Особенно поучительна эволюция средневековых образов смерти и похоронных обрядов [21]. Архаическое сознание, не придающее значения индивидуальному существованию, не ведает и трагедии индивидуальной смерти, трактуя бытие как бесконечный циклический круговорот, в котором жизнь и смерть постоянно переходят друг в друга (например, ритуальная смерть и возрождение к новой жизни при обряде инициации). Но в соответствии с их культурой разные народы воспринимают и переживают смерть по-своему. Это может быть эпически спокойное восприятие смерти как всеобщей судьбы, например ветхозаветное: “И умер Иов в старости, насыщенный днями” (Иов. 42, 17). Или вера в перевоплощение, делающая смерть в абсолютном смысле невозможной, что поэтически точно выражено в “Махабхарате”:
Классическая Греция, познавшая ценность индивидуального существования, а вместе с ним – страх смерти, отгораживается от него верой в бессмертие души, возвращающейся после гибели тленного тела в вечный и неизменный мир идей, к которому она изначально принадлежала. Христианское понимание смерти тесно связано с идеей первородного греха и надеждой на чудесное спасение. Но как узнать, причислен ли ты к сонму праведников? Ведь это зависит не от собственных заслуг, а от божественной благодати.
Обыденное сознание раннего средневековья не ощущало этого драматизма. Для него смерть – естественная коллективная судьба (“мы все умрем”), требующая покорности. Такая “прирученная смерть”, как назвал эту установку французский исследователь Ф.Ариес, означает, что человек заранее знает, что “время его пришло”, и спокойно умирает, предварительно выполнив весь положенный ритуал – молитву, прощание с близкими, последнее слово.
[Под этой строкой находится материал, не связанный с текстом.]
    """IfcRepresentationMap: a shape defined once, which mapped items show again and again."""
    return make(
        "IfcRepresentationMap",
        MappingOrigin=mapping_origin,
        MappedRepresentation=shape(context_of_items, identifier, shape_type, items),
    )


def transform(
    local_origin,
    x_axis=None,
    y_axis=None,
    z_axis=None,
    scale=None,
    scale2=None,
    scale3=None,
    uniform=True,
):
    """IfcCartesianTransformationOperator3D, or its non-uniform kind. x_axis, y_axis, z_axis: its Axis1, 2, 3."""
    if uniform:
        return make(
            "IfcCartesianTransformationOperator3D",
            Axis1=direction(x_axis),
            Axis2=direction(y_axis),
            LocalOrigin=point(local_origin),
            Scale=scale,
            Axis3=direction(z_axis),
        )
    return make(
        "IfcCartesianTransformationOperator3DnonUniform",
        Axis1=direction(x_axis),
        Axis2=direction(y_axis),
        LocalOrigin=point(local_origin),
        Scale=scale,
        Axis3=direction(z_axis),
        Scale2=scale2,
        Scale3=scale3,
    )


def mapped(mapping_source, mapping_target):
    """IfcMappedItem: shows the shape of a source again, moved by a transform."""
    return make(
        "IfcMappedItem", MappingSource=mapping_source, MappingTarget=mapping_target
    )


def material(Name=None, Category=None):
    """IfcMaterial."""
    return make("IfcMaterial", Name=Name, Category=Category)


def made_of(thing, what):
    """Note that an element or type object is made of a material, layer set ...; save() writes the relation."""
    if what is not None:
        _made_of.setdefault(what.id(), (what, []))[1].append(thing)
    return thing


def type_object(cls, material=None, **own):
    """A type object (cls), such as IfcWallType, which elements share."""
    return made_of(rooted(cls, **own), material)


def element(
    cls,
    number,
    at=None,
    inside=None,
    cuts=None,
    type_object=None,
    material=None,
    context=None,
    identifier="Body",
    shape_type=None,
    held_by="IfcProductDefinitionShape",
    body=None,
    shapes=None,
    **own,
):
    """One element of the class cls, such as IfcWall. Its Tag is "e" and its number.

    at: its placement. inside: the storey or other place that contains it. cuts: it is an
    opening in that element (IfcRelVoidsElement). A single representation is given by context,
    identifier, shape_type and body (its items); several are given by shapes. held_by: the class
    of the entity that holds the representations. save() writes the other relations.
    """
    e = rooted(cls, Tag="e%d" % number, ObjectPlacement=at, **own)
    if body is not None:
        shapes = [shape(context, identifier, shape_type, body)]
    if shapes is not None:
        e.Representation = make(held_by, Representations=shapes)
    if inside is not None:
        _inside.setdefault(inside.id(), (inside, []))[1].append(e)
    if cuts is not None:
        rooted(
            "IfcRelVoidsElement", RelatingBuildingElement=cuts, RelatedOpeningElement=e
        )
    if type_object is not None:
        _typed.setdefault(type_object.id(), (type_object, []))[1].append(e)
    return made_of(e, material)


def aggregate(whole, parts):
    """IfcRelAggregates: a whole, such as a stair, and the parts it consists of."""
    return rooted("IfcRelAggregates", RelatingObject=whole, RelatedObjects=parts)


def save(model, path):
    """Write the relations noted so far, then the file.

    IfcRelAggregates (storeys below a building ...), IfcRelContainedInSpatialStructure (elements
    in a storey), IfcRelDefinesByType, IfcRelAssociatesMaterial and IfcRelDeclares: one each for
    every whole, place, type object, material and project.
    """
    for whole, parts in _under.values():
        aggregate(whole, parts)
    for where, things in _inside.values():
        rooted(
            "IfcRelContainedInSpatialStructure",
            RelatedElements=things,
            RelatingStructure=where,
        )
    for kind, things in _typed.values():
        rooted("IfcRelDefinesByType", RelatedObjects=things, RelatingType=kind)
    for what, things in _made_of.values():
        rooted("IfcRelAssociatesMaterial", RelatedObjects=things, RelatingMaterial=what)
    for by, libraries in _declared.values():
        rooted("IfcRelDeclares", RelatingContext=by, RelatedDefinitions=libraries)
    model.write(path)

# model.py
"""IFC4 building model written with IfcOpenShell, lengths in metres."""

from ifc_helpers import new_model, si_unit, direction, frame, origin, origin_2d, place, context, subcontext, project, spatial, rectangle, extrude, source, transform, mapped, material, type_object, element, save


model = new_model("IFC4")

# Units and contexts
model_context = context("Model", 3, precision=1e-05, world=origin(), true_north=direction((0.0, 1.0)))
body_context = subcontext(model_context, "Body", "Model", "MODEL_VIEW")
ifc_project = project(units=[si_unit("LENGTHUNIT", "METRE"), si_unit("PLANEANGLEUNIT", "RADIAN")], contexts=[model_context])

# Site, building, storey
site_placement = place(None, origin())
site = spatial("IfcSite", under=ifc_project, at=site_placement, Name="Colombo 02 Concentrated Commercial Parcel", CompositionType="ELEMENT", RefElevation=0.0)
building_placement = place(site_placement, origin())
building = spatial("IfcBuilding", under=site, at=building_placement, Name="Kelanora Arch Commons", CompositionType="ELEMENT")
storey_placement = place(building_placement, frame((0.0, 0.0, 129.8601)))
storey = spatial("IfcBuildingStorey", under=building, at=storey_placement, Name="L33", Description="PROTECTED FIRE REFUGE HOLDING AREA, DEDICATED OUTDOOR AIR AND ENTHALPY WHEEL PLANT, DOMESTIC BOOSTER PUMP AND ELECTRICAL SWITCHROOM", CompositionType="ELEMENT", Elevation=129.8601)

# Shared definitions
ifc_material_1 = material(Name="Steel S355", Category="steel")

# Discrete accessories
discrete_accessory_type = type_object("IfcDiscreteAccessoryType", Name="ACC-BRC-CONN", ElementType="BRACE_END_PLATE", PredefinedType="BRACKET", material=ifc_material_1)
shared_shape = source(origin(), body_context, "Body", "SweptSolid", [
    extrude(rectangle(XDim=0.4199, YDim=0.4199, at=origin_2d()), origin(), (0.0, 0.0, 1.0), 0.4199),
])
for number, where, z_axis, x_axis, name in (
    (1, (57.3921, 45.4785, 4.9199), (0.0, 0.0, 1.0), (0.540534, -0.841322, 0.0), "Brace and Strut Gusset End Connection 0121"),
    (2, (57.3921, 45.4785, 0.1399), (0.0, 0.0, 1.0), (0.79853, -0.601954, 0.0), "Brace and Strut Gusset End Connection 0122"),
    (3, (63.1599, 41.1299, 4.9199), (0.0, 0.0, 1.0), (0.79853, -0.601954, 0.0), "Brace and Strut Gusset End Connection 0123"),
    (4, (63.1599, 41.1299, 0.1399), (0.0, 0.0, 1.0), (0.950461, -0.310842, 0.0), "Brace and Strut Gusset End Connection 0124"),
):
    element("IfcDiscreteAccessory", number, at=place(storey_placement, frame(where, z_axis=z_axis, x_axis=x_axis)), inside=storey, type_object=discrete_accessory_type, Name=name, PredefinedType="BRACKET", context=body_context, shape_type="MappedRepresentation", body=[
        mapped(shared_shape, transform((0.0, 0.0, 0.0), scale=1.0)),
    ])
Ни сам умирающий, ни прощающиеся с ним домочадцы не воспринимают смерть трагически и не выражают особой скорби. В крестьянской среде такое отношение к смерти сохранялось очень долго.
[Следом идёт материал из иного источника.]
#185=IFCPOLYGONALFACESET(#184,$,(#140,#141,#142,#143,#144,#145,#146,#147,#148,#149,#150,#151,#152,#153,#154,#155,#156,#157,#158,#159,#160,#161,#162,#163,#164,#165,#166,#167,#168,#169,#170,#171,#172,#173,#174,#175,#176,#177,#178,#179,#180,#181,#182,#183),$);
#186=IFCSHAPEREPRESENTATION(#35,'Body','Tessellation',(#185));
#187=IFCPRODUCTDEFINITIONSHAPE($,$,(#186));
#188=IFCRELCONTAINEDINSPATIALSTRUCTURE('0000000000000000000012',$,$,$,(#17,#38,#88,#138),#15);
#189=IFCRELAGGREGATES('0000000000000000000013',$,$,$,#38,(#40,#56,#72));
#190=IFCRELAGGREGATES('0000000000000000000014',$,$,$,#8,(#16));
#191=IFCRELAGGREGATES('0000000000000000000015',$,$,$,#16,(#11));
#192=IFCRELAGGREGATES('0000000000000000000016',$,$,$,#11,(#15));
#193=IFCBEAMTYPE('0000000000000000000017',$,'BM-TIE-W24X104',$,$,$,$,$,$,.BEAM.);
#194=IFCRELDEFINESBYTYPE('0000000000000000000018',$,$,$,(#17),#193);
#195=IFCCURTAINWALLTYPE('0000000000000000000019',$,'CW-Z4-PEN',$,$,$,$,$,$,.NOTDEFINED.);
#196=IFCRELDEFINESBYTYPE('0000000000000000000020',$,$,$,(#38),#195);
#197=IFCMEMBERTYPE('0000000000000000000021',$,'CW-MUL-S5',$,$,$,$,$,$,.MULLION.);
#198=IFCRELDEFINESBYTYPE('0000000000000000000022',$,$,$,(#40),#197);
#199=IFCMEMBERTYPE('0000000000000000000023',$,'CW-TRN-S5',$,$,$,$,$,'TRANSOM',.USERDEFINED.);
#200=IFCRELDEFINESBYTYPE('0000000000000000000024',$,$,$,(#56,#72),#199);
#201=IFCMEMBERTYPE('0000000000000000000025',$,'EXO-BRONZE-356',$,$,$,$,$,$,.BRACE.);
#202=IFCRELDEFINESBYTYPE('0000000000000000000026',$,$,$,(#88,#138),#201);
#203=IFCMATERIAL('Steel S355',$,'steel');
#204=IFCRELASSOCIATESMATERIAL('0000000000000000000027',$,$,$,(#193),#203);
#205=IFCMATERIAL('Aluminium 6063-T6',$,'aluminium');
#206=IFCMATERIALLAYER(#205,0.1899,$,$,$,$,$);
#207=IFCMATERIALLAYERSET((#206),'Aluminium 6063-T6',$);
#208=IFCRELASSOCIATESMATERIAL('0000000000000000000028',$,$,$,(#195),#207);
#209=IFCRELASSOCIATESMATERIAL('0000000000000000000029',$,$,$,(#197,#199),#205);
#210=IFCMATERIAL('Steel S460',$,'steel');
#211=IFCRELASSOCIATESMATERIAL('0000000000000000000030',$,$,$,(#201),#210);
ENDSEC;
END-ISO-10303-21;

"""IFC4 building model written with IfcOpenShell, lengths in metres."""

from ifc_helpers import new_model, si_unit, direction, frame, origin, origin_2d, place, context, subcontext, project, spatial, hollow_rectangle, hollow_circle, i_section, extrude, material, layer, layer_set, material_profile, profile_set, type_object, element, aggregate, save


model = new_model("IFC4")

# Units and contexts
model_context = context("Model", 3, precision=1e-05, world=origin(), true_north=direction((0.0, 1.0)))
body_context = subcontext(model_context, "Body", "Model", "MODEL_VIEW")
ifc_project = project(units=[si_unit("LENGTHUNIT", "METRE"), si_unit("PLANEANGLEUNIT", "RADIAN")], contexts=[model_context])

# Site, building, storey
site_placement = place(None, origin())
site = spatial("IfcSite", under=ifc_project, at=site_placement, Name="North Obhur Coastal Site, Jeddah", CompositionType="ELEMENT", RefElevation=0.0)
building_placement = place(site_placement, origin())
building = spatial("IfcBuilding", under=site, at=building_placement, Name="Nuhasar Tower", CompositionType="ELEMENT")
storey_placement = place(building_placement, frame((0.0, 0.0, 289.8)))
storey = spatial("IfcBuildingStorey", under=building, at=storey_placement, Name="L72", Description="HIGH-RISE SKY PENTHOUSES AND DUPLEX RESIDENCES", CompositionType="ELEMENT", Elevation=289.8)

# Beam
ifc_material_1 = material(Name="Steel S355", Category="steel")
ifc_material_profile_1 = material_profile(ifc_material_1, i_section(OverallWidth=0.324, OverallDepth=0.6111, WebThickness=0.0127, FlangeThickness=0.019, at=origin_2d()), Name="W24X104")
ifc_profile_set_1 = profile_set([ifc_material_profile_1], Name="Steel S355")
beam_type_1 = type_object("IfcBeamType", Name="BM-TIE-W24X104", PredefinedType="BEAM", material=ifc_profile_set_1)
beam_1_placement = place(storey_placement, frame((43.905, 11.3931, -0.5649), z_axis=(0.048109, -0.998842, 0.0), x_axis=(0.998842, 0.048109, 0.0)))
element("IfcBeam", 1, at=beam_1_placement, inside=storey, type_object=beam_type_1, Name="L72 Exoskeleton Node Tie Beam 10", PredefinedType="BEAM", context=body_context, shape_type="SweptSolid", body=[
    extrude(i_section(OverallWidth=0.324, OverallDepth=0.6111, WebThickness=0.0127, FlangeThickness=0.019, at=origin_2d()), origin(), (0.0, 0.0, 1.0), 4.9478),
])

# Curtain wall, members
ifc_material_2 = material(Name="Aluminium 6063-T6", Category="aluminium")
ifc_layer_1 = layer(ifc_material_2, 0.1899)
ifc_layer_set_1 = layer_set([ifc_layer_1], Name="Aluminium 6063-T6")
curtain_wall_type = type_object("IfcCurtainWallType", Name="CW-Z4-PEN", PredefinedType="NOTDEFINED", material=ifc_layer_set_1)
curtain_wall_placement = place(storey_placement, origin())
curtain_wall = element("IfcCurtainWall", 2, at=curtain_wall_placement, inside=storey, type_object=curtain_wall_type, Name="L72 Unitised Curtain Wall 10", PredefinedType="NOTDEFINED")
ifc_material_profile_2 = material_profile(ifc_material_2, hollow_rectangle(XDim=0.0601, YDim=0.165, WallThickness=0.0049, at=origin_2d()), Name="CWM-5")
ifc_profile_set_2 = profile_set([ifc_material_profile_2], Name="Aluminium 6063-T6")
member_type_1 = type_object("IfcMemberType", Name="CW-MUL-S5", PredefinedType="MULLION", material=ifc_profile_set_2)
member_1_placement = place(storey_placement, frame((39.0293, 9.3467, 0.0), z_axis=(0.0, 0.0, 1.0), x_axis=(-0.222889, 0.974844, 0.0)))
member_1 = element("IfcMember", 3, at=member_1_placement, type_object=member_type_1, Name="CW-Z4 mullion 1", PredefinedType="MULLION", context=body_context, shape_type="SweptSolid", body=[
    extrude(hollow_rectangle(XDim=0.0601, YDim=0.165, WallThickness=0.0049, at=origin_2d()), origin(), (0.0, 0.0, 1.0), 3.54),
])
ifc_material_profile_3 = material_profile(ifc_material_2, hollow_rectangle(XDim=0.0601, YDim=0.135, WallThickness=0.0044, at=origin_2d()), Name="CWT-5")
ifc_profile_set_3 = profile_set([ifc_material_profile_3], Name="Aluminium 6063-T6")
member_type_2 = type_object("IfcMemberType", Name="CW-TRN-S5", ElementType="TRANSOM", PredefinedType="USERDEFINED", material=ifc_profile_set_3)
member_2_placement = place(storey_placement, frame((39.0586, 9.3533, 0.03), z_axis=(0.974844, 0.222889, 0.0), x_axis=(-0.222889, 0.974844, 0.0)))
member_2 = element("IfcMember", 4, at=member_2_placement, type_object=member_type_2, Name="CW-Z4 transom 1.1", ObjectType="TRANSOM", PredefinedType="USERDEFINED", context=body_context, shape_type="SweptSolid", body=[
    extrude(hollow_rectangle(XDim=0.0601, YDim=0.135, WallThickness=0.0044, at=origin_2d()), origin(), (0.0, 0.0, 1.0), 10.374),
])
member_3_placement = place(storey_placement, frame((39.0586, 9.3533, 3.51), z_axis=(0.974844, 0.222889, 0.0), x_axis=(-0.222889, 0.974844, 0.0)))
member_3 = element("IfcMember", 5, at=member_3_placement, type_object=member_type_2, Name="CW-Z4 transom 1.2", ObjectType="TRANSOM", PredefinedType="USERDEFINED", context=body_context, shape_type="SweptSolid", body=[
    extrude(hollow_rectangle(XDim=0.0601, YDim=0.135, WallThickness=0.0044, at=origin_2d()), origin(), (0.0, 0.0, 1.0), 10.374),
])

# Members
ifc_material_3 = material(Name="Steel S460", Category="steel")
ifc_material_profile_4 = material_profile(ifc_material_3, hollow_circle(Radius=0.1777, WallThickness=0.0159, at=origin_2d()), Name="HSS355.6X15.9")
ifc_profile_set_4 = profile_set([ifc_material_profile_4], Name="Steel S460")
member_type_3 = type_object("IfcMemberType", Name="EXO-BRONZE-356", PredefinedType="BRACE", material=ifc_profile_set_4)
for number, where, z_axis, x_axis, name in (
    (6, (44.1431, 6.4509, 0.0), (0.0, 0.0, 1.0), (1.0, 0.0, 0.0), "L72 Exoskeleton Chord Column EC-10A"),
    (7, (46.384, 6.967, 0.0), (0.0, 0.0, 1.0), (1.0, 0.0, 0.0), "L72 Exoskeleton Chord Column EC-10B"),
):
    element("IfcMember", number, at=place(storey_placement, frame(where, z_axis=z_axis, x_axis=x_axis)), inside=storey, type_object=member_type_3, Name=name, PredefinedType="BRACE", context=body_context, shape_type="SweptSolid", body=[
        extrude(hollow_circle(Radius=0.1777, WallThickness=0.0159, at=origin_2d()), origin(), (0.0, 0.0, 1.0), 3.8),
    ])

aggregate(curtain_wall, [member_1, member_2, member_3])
В XI-XII вв. образ смерти постепенно индивидуализируется; похоронный ритуал приобретает индивидуально-личностные компоненты, возникает проблема “собственной смерти”. В изобразительном искусстве внимание художников все сильнее приковывают картины Страшного суда, разлагающихся трупов; появляются изображения мертвого или страдающего Христа (раньше сцены распятия выражали не человеческую муку, а божественное торжество).
В восприятии и изображении смерти проявляется двойственность христианской эсхатологии, предполагающей как бы два суда над человеком. Первый суд, индивидуальный, происходит немедленно после кончины, когда грешники отправляются в ад, бесспорные праведники – в рай, а остальные – в чистилище. Но существует еще всеобщий Страшный суд, когда весь род человеческий предстанет пред лицом высшего судии. Эти две эсхатологии – “малая”, персональная, и “большая”, всемирно-историческая, различаются уже в раннем средневековье [23], но в изобразительном искусстве позднего средневековья акценты постепенно смещаются в сторону индивидуального суда. Хотя мысль о Страшном суде не исчезает, художники все чаще изображают немедленное, в момент смерти, индивидуальное воздаяние, результаты которого ставятся в зависимость от личных заслуг умершего, несущего на шее свою “книгу жизни”, как паспорт или банковский счет.
Самый момент смерти приобретает теперь особое значение как последняя возможность что-то искупить, исправить. В искусстве он изображается как драматическая схватка сил добра и зла и своеобразный итог жизненного пути.